Division of Endocrinology, Diabetes and Metabolism, First Department of Pediatrics, University of Athens, Agia Sophia Children's Hospital, Athens, Greece.
Ann N Y Acad Sci. 2010 Sep;1205:99-105. doi: 10.1111/j.1749-6632.2010.05683.x.

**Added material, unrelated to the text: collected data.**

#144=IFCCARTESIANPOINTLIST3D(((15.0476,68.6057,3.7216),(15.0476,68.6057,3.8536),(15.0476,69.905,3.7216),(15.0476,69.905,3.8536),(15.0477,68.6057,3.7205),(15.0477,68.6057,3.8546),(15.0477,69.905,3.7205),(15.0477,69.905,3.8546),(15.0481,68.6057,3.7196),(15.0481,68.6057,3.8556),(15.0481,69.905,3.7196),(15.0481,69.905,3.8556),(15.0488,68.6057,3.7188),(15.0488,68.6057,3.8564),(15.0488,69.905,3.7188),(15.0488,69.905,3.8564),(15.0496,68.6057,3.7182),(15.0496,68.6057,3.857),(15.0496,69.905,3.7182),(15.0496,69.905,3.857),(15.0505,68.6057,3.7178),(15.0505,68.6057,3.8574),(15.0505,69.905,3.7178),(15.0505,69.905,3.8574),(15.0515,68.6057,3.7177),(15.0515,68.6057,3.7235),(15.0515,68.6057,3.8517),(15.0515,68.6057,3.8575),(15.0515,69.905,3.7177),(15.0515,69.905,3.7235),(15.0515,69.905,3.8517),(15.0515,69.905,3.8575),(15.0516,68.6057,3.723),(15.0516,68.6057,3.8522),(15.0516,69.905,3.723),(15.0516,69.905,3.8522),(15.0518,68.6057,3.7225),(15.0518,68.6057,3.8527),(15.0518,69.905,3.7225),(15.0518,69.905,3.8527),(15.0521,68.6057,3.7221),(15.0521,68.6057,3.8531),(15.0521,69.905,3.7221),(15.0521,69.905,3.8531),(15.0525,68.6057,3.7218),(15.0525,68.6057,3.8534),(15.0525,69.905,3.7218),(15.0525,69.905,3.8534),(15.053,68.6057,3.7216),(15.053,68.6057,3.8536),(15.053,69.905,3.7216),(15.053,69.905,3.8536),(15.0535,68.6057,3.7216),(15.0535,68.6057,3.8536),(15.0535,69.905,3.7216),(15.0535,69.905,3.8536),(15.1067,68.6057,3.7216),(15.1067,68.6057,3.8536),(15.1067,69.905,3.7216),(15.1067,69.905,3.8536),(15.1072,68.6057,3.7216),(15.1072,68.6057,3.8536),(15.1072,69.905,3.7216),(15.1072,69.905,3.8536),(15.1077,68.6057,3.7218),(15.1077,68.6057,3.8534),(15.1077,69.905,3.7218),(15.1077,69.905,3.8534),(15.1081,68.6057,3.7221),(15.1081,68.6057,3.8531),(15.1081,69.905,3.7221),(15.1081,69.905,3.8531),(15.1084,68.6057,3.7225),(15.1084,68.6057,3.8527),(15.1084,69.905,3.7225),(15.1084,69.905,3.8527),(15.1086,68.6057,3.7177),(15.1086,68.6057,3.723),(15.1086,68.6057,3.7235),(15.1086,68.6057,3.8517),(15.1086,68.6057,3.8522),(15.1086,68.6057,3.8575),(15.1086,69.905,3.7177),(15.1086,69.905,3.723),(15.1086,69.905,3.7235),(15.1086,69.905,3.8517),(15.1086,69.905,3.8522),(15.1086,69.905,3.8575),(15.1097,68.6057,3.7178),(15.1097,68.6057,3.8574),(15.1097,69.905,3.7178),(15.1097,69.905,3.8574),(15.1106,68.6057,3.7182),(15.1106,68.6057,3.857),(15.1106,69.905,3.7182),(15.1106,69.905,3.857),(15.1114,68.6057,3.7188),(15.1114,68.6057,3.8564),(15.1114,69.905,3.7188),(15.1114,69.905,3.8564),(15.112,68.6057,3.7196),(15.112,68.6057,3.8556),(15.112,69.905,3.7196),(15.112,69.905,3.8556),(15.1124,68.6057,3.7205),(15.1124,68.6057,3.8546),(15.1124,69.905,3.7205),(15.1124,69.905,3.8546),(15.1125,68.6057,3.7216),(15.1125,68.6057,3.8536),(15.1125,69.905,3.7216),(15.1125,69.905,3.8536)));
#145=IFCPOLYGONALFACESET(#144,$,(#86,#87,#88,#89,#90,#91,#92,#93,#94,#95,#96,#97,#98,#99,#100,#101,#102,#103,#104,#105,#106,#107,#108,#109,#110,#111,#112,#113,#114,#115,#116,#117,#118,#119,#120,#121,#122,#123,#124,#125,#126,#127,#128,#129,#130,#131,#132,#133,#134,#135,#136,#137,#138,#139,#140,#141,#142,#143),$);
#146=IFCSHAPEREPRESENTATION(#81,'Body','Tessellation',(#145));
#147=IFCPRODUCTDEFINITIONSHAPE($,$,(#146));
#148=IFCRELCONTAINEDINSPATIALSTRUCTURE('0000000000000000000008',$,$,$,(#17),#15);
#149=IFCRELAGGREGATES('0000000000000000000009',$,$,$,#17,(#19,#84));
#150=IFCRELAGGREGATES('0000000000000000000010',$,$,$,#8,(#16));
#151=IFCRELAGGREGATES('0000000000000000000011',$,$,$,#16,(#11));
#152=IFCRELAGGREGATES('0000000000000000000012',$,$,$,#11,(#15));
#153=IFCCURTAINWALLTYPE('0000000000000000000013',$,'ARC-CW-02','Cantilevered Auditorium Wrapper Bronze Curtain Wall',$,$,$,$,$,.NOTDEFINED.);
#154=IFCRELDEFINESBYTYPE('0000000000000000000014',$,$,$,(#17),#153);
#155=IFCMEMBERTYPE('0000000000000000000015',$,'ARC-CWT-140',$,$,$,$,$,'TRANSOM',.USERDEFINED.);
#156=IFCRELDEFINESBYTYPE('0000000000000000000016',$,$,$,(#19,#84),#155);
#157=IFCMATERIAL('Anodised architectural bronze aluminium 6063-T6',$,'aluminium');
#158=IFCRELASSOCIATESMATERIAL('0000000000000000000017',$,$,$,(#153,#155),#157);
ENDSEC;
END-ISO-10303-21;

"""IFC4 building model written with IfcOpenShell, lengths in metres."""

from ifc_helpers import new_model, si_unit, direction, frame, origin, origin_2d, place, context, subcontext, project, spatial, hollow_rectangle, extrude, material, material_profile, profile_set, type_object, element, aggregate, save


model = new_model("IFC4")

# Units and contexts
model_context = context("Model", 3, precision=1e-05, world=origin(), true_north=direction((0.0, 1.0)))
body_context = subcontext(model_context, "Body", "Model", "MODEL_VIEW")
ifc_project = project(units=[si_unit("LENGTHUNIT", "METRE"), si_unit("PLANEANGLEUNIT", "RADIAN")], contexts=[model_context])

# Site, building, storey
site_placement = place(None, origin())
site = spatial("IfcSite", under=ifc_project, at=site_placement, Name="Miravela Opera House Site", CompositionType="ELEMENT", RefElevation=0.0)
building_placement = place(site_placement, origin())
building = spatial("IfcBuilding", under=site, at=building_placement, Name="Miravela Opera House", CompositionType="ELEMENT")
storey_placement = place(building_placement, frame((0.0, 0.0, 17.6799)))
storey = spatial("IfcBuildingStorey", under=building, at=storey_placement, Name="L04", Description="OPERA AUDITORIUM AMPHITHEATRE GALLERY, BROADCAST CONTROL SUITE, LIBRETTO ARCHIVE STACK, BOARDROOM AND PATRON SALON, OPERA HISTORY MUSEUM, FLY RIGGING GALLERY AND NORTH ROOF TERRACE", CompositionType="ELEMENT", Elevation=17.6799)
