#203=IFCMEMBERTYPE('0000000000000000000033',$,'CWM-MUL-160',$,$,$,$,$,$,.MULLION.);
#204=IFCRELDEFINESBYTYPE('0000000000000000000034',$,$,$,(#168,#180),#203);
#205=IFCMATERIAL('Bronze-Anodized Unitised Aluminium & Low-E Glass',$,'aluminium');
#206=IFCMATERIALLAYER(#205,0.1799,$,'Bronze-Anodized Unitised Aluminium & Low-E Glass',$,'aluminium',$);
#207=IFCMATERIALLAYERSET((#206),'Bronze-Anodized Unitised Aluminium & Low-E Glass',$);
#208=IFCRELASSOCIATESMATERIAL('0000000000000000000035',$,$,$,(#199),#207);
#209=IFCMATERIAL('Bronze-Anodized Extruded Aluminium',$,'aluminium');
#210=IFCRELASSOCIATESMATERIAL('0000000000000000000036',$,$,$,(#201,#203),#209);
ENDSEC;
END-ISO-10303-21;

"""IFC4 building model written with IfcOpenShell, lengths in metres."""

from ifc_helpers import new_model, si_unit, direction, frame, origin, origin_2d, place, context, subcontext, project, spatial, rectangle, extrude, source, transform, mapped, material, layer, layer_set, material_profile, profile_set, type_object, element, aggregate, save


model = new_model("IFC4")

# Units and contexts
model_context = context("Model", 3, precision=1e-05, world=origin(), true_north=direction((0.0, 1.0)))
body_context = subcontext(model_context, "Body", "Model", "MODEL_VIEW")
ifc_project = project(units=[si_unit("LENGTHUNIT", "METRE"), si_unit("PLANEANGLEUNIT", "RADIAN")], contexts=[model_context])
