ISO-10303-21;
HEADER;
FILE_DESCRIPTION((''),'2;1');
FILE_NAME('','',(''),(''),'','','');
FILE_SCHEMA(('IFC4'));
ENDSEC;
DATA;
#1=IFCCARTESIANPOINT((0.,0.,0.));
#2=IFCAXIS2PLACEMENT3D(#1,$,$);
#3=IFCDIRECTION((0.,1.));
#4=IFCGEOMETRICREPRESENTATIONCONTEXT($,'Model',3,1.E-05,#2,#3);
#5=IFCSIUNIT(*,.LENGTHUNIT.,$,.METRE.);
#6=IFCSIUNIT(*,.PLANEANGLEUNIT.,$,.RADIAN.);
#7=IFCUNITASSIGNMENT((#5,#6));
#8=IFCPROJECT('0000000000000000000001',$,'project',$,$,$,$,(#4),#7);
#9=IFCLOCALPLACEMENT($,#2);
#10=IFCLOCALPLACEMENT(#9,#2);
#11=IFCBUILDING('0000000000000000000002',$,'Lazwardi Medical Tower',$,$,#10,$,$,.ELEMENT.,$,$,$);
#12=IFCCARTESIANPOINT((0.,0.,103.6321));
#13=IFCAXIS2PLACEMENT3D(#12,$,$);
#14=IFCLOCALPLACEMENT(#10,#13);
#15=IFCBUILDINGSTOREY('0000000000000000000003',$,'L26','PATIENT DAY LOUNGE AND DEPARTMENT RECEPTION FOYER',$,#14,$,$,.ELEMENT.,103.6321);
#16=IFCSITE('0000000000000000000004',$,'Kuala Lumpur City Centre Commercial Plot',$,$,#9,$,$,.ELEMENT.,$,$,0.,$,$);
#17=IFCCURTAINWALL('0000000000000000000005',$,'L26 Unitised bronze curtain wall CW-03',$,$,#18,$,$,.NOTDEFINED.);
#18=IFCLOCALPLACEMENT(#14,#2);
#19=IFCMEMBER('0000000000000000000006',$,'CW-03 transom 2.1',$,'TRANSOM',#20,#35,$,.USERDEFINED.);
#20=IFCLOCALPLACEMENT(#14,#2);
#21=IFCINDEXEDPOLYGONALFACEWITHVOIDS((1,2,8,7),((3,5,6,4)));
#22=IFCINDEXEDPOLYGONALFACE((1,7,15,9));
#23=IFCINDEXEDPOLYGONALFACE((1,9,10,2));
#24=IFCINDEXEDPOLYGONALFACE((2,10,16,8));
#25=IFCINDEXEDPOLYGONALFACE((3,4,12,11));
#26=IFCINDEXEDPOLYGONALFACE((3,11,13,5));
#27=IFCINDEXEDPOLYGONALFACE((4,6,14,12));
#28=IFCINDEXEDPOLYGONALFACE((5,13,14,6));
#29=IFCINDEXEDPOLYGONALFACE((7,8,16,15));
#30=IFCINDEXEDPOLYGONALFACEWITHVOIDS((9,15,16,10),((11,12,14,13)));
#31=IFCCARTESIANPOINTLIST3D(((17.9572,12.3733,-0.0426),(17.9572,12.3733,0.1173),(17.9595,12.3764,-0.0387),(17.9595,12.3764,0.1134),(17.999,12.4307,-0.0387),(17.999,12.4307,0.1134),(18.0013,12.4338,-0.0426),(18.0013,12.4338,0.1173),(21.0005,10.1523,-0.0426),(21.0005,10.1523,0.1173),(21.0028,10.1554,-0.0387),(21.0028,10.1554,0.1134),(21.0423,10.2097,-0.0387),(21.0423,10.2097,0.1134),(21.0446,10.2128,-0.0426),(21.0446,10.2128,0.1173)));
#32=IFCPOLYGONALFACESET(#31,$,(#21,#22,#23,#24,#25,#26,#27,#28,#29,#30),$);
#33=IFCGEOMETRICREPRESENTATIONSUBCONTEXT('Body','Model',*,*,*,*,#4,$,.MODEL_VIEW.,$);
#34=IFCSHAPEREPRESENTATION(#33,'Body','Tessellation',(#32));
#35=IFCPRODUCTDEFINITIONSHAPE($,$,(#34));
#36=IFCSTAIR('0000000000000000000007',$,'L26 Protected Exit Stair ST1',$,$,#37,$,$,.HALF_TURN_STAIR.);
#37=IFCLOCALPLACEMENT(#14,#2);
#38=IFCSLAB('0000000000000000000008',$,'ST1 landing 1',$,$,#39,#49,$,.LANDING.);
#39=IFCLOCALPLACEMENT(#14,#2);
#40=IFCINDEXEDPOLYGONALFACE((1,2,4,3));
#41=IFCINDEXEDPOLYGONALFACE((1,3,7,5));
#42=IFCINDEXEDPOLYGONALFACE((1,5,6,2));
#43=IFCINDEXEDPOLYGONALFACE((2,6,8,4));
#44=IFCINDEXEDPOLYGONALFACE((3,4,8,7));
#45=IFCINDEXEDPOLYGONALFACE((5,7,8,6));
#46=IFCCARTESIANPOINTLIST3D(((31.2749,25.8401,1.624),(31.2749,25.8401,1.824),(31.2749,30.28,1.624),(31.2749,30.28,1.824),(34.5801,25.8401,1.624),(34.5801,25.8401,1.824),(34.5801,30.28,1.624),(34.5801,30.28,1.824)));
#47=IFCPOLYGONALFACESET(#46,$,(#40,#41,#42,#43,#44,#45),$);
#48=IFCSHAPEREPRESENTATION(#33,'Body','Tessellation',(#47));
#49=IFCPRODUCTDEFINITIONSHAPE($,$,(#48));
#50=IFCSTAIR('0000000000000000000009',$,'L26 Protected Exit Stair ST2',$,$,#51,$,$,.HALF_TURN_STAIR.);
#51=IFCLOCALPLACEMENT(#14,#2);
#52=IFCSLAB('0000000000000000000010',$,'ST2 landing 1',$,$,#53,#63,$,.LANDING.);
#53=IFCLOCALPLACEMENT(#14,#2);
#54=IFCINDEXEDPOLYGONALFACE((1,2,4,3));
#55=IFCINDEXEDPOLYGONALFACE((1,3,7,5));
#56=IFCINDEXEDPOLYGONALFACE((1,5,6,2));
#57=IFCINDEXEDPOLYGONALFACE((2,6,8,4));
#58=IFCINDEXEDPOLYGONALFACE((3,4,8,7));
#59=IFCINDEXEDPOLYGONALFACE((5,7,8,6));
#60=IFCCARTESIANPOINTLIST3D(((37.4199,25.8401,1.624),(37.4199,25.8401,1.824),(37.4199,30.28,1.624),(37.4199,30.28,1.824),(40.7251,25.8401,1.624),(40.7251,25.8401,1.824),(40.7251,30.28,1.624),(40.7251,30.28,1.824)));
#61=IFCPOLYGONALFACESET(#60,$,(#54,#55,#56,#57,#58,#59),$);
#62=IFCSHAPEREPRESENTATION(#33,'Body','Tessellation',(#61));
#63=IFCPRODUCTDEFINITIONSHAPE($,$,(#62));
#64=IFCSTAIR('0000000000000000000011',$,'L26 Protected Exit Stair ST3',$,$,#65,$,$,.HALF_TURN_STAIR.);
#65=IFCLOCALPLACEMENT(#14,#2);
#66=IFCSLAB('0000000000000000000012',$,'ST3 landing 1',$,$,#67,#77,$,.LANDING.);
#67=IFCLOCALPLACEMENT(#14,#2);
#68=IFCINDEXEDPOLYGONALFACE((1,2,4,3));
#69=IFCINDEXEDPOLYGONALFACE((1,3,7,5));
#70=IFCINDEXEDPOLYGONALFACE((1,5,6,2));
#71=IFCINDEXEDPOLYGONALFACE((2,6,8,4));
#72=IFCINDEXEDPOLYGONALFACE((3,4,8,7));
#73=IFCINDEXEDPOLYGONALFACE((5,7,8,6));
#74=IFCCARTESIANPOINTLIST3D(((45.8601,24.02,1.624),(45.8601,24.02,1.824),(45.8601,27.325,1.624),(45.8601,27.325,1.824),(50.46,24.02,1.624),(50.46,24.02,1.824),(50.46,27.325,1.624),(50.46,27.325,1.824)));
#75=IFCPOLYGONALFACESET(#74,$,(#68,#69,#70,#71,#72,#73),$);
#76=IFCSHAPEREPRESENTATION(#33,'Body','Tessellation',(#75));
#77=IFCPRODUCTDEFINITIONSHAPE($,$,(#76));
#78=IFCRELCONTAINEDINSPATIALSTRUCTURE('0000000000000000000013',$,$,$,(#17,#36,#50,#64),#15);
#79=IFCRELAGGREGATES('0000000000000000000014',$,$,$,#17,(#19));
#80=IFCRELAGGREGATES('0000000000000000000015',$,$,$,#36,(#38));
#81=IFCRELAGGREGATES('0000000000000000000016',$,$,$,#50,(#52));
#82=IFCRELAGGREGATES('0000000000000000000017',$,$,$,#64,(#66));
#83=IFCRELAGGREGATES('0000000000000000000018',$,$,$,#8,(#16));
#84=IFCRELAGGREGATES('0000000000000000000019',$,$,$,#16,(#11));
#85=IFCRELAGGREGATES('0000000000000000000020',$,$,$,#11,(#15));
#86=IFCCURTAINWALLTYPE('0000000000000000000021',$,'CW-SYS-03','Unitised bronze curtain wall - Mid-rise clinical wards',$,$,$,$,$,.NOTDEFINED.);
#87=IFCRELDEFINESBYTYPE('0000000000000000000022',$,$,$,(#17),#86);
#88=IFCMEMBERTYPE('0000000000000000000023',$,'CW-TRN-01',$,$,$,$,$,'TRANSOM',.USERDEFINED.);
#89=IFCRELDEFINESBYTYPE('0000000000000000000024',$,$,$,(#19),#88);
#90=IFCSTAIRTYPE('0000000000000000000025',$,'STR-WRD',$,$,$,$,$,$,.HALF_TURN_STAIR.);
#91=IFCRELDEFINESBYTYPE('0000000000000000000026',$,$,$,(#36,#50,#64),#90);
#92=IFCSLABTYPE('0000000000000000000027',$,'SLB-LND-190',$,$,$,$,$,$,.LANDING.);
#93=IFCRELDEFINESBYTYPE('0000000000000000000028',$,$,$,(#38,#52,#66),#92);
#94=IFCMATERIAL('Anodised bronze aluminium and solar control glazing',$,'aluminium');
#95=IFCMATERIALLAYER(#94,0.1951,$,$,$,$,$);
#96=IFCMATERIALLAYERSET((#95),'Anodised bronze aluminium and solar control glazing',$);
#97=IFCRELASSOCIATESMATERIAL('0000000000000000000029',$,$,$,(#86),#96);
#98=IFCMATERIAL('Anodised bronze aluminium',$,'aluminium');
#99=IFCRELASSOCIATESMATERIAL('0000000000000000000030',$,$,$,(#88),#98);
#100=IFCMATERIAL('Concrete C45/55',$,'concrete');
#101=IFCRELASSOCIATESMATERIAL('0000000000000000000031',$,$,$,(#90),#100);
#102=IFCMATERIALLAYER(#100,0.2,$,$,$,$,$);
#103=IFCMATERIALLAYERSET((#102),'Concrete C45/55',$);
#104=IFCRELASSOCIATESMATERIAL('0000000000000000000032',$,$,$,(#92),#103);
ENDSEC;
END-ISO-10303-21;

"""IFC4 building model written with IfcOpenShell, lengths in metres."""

from ifc_helpers import new_model, si_unit, direction, frame, origin, origin_2d, place, context, subcontext, project, spatial, polyline, hollow_rectangle, outline, extrude, material, layer, layer_set, material_profile, profile_set, type_object, element, aggregate, save


model = new_model("IFC4")

# Units and contexts
model_context = context("Model", 3, precision=1e-05, world=origin(), true_north=direction((0.0, 1.0)))
body_context = subcontext(model_context, "Body", "Model", "MODEL_VIEW")
ifc_project = project(units=[si_unit("LENGTHUNIT", "METRE"), si_unit("PLANEANGLEUNIT", "RADIAN")], contexts=[model_context])

# Site, building, storey
site_placement = place(None, origin())
site = spatial("IfcSite", under=ifc_project, at=site_placement, Name="Kuala Lumpur City Centre Commercial Plot", CompositionType="ELEMENT", RefElevation=0.0)
building_placement = place(site_placement, origin())
building = spatial("IfcBuilding", under=site, at=building_placement, Name="Lazwardi Medical Tower", CompositionType="ELEMENT")
storey_placement = place(building_placement, frame((0.0, 0.0, 103.6321)))
storey = spatial("IfcBuildingStorey", under=building, at=storey_placement, Name="L26", Description="PATIENT DAY LOUNGE AND DEPARTMENT RECEPTION FOYER", CompositionType="ELEMENT", Elevation=103.6321)

# Curtain wall, member
ifc_material_1 = material(Name="Anodised bronze aluminium and solar control glazing", Category="aluminium")
ifc_layer_1 = layer(ifc_material_1, 0.1951)
ifc_layer_set_1 = layer_set([ifc_layer_1], Name="Anodised bronze aluminium and solar control glazing")
curtain_wall_type = type_object("IfcCurtainWallType", Name="CW-SYS-03", Description="Unitised bronze curtain wall - Mid-rise clinical wards", PredefinedType="NOTDEFINED", material=ifc_layer_set_1)
curtain_wall_placement = place(storey_placement, origin())
curtain_wall = element("IfcCurtainWall", 1, at=curtain_wall_placement, inside=storey, type_object=curtain_wall_type, Name="L26 Unitised bronze curtain wall CW-03", PredefinedType="NOTDEFINED")
ifc_material_2 = material(Name="Anodised bronze aluminium", Category="aluminium")
ifc_material_profile = material_profile(ifc_material_2, hollow_rectangle(XDim=0.075, YDim=0.1599, WallThickness=0.0039, at=origin_2d()), Name="ALU-TRANSOM 160x75x4")
ifc_profile_set = profile_set([ifc_material_profile], Name="Anodised bronze aluminium")
member_type = type_object("IfcMemberType", Name="CW-TRN-01", ElementType="TRANSOM", PredefinedType="USERDEFINED", material=ifc_profile_set)
member_placement = place(storey_placement, frame((17.9792, 12.4036, 0.0374), z_axis=(0.807763, -0.589508, 0.0), x_axis=(0.589508, 0.807763, 0.0)))
member = element("IfcMember", 2, at=member_placement, type_object=member_type, Name="CW-03 transom 2.1", ObjectType="TRANSOM", PredefinedType="USERDEFINED", context=body_context, shape_type="SweptSolid", body=[
    extrude(hollow_rectangle(XDim=0.075, YDim=0.1599, WallThickness=0.0039, at=origin_2d()), origin(), (0.0, 0.0, 1.0), 3.7676),
])
aggregate(curtain_wall, [member])

# Stairs, slabs
ifc_material_3 = material(Name="Concrete C45/55", Category="concrete")
stair_type = type_object("IfcStairType", Name="STR-WRD", PredefinedType="HALF_TURN_STAIR", material=ifc_material_3)
stair_1_placement = place(storey_placement, origin())
stair_1 = element("IfcStair", 3, at=stair_1_placement, inside=storey, type_object=stair_type, Name="L26 Protected Exit Stair ST1", PredefinedType="HALF_TURN_STAIR")
ifc_layer_2 = layer(ifc_material_3, 0.2)
ifc_layer_set_2 = layer_set([ifc_layer_2], Name="Concrete C45/55")
slab_type_1 = type_object("IfcSlabType", Name="SLB-LND-190", PredefinedType="LANDING", material=ifc_layer_set_2)
slab_1_placement = place(storey_placement, frame((0.0, 0.0, 1.624)))
slab_1 = element("IfcSlab", 4, at=slab_1_placement, type_object=slab_type_1, Name="ST1 landing 1", PredefinedType="LANDING", context=body_context, shape_type="SweptSolid", body=[
    extrude(outline(polyline([(31.2749, 25.8401), (34.5801, 25.8401), (34.5801, 30.28), (31.2749, 30.28), (31.2749, 25.8401)])), origin(), (0.0, 0.0, 1.0), 0.2),
])
aggregate(stair_1, [slab_1])
stair_2_placement = place(storey_placement, origin())
stair_2 = element("IfcStair", 5, at=stair_2_placement, inside=storey, type_object=stair_type, Name="L26 Protected Exit Stair ST2", PredefinedType="HALF_TURN_STAIR")
slab_2_placement = place(storey_placement, frame((0.0, 0.0, 1.624)))
slab_2 = element("IfcSlab", 6, at=slab_2_placement, type_object=slab_type_1, Name="ST2 landing 1", PredefinedType="LANDING", context=body_context, shape_type="SweptSolid", body=[
    extrude(outline(polyline([(40.7251, 30.28), (37.4199, 30.28), (37.4199, 25.8401), (40.7251, 25.8401), (40.7251, 30.28)])), origin(), (0.0, 0.0, 1.0), 0.2),
])
aggregate(stair_2, [slab_2])
stair_3_placement = place(storey_placement, origin())
stair_3 = element("IfcStair", 7, at=stair_3_placement, inside=storey, type_object=stair_type, Name="L26 Protected Exit Stair ST3", PredefinedType="HALF_TURN_STAIR")
slab_3_placement = place(storey_placement, frame((0.0, 0.0, 1.624)))
slab_3 = element("IfcSlab", 8, at=slab_3_placement, type_object=slab_type_1, Name="ST3 landing 1", PredefinedType="LANDING", context=body_context, shape_type="SweptSolid", body=[
    extrude(outline(polyline([(45.8601, 27.325), (45.8601, 24.02), (50.46, 24.02), (50.46, 27.325), (45.8601, 27.325)])), origin(), (0.0, 0.0, 1.0), 0.2),
])
aggregate(stair_3, [slab_3])

save(model, "model.ifc")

According to the fetal origin of adult diseases hypothesis, the intrauterine environment through developmental plasticity may permanently influence long-term health and disease. Therefore, intrauterine growth restriction (IUGR), due either to maternal, placental, or genetic factors, may permanently alter the endocrine-metabolic status of the fetus, driving an insulin resistance state that can promote survival at the short term but that facilitates the development of type 2 diabetes mellitus and metabolic syndrome in adult life, especially when the intrauterine nutrient restriction is followed by a postnatal obesogenic environment. Furthermore, an energy-rich environment during fetal programming may also drive the development of excess abdominal fat and type 2 diabetes in later life, demonstrating that both intrauterine nutrient restriction as well as intrauterine nutrient excessive supply may predispose for the development of adult diabetes.
根据成人疾病的胎儿起源假说,宫内环境通过发育可塑性可能会永久性地影响长期健康和疾病。因此,胎儿宫内生长受限(IUGR),无论是由于母体、胎盘还是遗传因素引起,都可能永久性地改变胎儿的内分泌代谢状态,导致胰岛素抵抗状态,这种状态在短期内可以促进生存,但容易导致成年后患 2 型糖尿病和代谢综合征,尤其是当宫内营养限制后又处于肥胖的后天环境中。此外,胎儿编程过程中的高能量环境也可能导致成年后腹部脂肪过多和 2 型糖尿病的发展,这表明宫内营养限制和宫内营养过度供应都可能导致成年后糖尿病的发生。